He has travelled the world visiting gardens and plants in the wild and has brought all this knowledge back to Surrey. ‘Yellow magnolias were first developed in the 1950s at Brooklyn Botanic Gardens in New York,’ he reveals. ‘A remarkable woman called Lola Koerting crossed the native American magnolia (Magnolia acuminate) with various others and discovered that the yellow gene was dominant.’ The result was the development of some really corking trees. ‘We’ve planted lots at Wisley – the yellow ones tend to flower a bit later so are less likely to be damaged by the late frosts.’

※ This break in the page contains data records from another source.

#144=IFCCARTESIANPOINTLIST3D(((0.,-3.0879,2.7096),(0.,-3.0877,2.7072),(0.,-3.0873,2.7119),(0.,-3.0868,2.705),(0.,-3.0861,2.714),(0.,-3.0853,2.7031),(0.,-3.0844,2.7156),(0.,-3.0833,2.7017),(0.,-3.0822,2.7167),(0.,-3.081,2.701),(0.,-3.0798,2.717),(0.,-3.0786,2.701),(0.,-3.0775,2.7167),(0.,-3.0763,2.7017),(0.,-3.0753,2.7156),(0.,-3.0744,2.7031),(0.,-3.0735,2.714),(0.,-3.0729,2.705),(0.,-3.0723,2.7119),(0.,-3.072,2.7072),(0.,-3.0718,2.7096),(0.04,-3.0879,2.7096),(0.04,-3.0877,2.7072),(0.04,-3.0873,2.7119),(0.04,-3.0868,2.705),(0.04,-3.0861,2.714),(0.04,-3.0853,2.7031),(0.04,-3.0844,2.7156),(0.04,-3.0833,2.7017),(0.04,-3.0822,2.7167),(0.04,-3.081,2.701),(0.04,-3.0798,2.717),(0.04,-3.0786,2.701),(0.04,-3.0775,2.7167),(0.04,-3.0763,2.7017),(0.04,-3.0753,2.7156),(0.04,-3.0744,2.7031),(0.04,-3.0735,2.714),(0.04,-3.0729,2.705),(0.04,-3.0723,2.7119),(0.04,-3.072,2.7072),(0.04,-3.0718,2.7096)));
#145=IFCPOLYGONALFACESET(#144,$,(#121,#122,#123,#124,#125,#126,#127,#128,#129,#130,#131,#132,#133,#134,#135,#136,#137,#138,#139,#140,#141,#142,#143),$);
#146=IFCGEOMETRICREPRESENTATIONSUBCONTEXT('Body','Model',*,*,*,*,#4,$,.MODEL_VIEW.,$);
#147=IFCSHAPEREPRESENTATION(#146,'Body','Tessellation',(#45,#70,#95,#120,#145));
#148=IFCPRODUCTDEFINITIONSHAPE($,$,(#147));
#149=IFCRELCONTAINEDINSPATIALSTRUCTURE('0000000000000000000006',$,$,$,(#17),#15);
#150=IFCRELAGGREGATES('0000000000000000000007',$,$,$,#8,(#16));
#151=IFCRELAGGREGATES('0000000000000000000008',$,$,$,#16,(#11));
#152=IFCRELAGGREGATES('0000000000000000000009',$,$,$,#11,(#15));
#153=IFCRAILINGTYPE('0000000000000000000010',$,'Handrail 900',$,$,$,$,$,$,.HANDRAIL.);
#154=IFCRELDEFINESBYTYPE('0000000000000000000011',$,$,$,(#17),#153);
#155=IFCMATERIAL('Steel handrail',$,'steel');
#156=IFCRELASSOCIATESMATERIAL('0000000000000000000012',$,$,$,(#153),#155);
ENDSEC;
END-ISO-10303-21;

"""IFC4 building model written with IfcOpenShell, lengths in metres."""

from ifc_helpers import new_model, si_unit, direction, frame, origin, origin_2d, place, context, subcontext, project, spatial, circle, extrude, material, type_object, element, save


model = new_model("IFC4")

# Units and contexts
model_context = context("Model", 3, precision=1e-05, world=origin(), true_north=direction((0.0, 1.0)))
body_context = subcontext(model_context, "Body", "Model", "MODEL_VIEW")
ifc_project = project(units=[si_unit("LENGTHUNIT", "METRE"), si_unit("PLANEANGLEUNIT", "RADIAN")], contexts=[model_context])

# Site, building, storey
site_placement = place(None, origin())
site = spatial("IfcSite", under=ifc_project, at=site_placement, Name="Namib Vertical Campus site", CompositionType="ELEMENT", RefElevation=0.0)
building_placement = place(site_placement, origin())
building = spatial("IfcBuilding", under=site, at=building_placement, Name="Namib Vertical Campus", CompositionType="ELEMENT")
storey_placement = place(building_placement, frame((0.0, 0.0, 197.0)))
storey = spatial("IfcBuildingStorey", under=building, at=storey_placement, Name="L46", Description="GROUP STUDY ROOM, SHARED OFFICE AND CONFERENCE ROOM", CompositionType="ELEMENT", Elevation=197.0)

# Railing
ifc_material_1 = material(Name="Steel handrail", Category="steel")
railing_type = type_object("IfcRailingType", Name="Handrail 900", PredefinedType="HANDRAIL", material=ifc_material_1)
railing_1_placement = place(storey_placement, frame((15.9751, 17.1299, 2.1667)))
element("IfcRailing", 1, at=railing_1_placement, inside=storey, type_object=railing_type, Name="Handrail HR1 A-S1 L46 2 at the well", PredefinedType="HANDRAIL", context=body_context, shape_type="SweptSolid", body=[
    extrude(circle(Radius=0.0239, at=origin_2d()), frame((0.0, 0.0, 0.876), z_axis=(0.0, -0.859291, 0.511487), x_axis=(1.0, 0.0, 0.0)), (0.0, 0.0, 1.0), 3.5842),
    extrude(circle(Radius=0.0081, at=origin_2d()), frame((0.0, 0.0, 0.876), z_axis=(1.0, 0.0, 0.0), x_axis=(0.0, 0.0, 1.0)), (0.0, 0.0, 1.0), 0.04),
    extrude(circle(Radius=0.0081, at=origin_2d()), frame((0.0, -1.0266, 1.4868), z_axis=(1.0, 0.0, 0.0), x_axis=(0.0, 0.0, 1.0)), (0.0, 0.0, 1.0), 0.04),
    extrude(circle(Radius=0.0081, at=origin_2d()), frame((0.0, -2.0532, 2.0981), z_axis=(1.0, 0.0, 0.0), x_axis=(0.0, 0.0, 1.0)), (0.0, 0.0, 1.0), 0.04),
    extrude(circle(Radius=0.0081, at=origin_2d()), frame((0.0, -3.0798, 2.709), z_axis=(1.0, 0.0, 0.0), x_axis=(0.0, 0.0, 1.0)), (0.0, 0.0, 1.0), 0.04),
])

The flowers may be one of the glories of spring and early summer, but, Jim explains, ‘It’s possible to have magnolias in flower in your garden for eight months of the year. They’re hardy – Magnolia “Yellow Lantern” is grown as a street tree in towns as diverse as Nantes in France and Malmo in Sweden – and there is one suitable for every size of garden.’ Make it your spring ambition – plant a magnolia, you will never be disappointed.

Find out about the best trees for early blossom

Magnolia sieboldii

Above: Magnolia sieboldii, which does well in a shady garden.

Where to plant magnolias

Magnolias do best in full sun although some (in particular Magnolia wilsonii or Magnolia sieboldii) will be fine with some shade.

The evergreen Magnolia grandiflora is best grown against a sheltered wall.

Magnolias like a moisture-retentive soil but are not that fussy about whether it is alkaline or acid.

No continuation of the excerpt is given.